# Frank goes to the White House



## j4c11 (Apr 30, 2017)

On August 2, Sanders read from Frank's letter during that day's press briefing.

"Dear Mr. President, it would be my honor to mow the White House lawn for some weekend for you. Even though I'm only 10, I'd like to show the nation what young people like me are ready for. I admire your business background and have started my own business," read Sanders, who explained Frank has recently celebrated a birthday and turned 11.

"I have been mowing my neighbors' lawns for some time… Here's a list of what I have and you are free to pick whatever you want: power mower, push mower, and weed whacker. I can bring extra fuel for the power mower and charged batteries for the weed whacker," she continued.

Today, Frank is mowing the White House lawn.



















I believe the White House lawn is Tall Fescue. Definitely looks like he's breaking the 1/3 rule though


----------



## ericgautier (Apr 22, 2017)

Good stuff! :thumbup: :thumbup:

He needs to work on his lines though.


----------



## kds (Apr 28, 2017)

I love it!

Looks like that grass would feel good to walk barefoot on.


----------



## pennstater2005 (Jul 17, 2017)

That is pretty damn cool.


----------



## Colonel K0rn (Jul 4, 2017)

I just saw the interview that Frank had with Jesse Watters on Fox News. Politics aside, his interview was really adorable, and typical of a venture capitalist 11 year old. 
http://www.foxnews.com/politics/201...k-does-great-job-mowing-white-house-lawn.html


----------



## dfw_pilot (Jan 28, 2017)

That's really awesome.


----------



## Colonel K0rn (Jul 4, 2017)

dfw_pilot said:


> That's really awesome.


#MAKEAMERICAGREENAGAIN


----------



## Stegs (Aug 29, 2017)

I love this story. It shows not all youth are doomed. There is some good ones out there, and they are not afraid to work

Only thing I didnt like about this, is how the liberals turned it into a "child labor" issue.

not to turn this into a political thread, but those stupid liberals just have to turn something fun/positive into a negative just to get a point across.
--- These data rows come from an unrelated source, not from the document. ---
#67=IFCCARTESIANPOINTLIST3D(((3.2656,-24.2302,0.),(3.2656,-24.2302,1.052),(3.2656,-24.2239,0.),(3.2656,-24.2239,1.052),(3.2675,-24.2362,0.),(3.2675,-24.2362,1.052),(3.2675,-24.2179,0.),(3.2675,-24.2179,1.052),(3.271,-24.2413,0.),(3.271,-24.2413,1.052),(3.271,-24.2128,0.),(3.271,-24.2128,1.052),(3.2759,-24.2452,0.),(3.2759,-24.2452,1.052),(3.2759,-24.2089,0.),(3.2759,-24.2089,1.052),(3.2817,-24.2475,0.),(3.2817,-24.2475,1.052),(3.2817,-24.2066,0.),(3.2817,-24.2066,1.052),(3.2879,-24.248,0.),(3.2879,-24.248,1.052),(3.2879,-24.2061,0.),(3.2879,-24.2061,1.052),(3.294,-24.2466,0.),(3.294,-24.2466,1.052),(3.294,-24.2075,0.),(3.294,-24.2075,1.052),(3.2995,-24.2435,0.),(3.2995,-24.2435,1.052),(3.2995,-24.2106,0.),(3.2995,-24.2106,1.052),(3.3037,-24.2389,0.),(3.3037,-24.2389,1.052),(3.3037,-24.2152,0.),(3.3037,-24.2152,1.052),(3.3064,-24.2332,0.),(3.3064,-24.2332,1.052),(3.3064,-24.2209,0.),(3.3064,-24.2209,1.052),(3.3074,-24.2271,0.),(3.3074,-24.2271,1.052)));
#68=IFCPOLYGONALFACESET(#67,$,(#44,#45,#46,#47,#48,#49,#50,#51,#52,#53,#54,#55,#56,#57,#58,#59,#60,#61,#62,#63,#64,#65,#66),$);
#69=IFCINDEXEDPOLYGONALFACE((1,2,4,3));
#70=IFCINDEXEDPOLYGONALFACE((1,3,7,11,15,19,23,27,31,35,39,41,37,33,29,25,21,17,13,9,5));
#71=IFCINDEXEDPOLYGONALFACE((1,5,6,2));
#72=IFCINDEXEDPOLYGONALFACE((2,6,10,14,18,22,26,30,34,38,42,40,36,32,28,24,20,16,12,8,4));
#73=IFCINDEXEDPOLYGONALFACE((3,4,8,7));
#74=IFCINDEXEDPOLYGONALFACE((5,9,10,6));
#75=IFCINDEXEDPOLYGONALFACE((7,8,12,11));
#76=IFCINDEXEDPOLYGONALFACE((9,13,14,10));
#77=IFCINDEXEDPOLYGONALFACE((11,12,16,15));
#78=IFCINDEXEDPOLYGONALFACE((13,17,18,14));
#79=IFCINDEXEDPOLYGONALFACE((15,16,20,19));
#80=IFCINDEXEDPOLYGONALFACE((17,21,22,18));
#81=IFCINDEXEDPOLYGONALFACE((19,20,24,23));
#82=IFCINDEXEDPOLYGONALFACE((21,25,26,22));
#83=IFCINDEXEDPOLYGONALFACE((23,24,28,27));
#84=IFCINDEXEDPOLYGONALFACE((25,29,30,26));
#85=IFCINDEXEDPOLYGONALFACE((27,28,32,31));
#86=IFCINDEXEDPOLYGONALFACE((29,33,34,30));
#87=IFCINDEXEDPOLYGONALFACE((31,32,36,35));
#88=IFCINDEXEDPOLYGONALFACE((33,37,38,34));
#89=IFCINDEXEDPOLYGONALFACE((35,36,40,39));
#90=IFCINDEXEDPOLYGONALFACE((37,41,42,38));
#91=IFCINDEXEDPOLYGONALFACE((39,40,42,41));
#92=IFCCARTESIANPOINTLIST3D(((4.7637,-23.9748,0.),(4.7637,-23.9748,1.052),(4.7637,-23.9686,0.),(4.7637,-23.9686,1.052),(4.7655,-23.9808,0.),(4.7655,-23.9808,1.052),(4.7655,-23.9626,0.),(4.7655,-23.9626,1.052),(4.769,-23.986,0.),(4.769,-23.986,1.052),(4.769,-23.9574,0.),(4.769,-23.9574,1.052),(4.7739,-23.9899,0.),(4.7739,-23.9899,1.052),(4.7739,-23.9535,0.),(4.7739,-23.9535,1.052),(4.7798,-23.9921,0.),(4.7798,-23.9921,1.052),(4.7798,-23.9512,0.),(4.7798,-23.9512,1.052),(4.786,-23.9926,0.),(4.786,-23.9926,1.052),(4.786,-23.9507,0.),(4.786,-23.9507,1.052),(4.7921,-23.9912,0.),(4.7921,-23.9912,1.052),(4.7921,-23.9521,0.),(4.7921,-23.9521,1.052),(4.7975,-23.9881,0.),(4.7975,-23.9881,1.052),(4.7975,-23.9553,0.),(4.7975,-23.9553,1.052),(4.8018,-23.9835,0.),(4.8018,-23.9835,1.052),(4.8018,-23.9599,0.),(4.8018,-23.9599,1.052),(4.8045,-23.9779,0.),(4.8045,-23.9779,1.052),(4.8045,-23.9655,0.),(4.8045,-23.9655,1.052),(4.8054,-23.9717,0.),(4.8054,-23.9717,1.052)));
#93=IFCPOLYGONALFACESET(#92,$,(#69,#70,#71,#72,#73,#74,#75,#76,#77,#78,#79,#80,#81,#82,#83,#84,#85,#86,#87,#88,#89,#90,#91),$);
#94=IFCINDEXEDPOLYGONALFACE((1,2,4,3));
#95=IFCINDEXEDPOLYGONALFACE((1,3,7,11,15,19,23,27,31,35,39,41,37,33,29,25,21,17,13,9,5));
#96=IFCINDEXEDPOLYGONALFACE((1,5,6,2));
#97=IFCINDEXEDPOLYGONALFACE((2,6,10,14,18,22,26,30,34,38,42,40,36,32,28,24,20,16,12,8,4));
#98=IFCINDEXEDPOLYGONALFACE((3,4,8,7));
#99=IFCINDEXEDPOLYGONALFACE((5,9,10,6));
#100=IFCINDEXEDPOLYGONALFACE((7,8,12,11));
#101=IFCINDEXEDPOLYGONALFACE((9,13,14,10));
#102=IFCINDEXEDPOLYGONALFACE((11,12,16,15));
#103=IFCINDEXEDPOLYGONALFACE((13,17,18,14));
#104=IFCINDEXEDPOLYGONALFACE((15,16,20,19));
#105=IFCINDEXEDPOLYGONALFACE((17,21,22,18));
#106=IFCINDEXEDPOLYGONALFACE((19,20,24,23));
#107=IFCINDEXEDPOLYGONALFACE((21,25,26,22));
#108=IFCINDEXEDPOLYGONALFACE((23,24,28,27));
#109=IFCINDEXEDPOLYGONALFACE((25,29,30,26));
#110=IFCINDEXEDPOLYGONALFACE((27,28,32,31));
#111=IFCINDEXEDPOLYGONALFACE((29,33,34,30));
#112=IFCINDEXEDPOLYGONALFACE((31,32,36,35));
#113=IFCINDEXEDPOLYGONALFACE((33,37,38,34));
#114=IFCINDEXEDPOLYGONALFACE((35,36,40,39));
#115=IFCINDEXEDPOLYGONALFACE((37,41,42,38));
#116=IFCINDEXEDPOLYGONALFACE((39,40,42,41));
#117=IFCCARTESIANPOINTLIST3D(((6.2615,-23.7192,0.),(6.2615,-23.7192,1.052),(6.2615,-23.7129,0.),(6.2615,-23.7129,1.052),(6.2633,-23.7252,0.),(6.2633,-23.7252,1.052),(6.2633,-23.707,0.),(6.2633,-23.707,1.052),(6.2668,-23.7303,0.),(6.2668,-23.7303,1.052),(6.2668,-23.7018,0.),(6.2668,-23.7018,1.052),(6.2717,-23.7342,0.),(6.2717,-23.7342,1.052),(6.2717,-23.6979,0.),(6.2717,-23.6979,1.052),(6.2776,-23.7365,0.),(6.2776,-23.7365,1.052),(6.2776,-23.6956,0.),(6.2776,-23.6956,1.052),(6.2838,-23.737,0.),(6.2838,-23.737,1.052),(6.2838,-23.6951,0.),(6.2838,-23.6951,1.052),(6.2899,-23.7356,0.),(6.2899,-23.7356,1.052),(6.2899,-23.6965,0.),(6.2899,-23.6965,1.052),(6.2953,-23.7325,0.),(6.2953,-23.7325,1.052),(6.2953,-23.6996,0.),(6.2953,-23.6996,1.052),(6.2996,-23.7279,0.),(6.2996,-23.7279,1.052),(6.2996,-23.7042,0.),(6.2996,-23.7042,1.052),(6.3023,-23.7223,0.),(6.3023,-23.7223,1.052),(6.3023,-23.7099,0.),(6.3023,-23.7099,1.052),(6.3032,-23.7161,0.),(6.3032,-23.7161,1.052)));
Liberal-ism , Lets find a cure!


----------



## Sinclair (Jul 25, 2017)

Stegs said:


> I love this story. It shows not all youth are doomed. There is some good ones out there, and they are not afraid to work
> 
> Only thing I didnt like about this, is how the liberals turned it into a "child labor" issue.
> 
> ...


I consider myself extremely liberal and I did not think this to be anything other than a nice story, regardless of my feelings for the current administration.

The only stupid people are those who suggest it is child labour and similarly those who run with that stupidity and make it into a story. Stupidity has no party or ideological preference.

I don't need curing.


----------



## Ware (Jan 28, 2017)

We all have different views/beliefs, and this is a lawn forum, so let's try to keep things between the ditches. Thanks. :thumbup:


----------



## elm34 (May 10, 2017)

:thumbup: :thumbup: Great story. Just think how many more members we'd have if there was a "thelawnforum.com" sticker on his mower or he was wearing a special T-shirt.


----------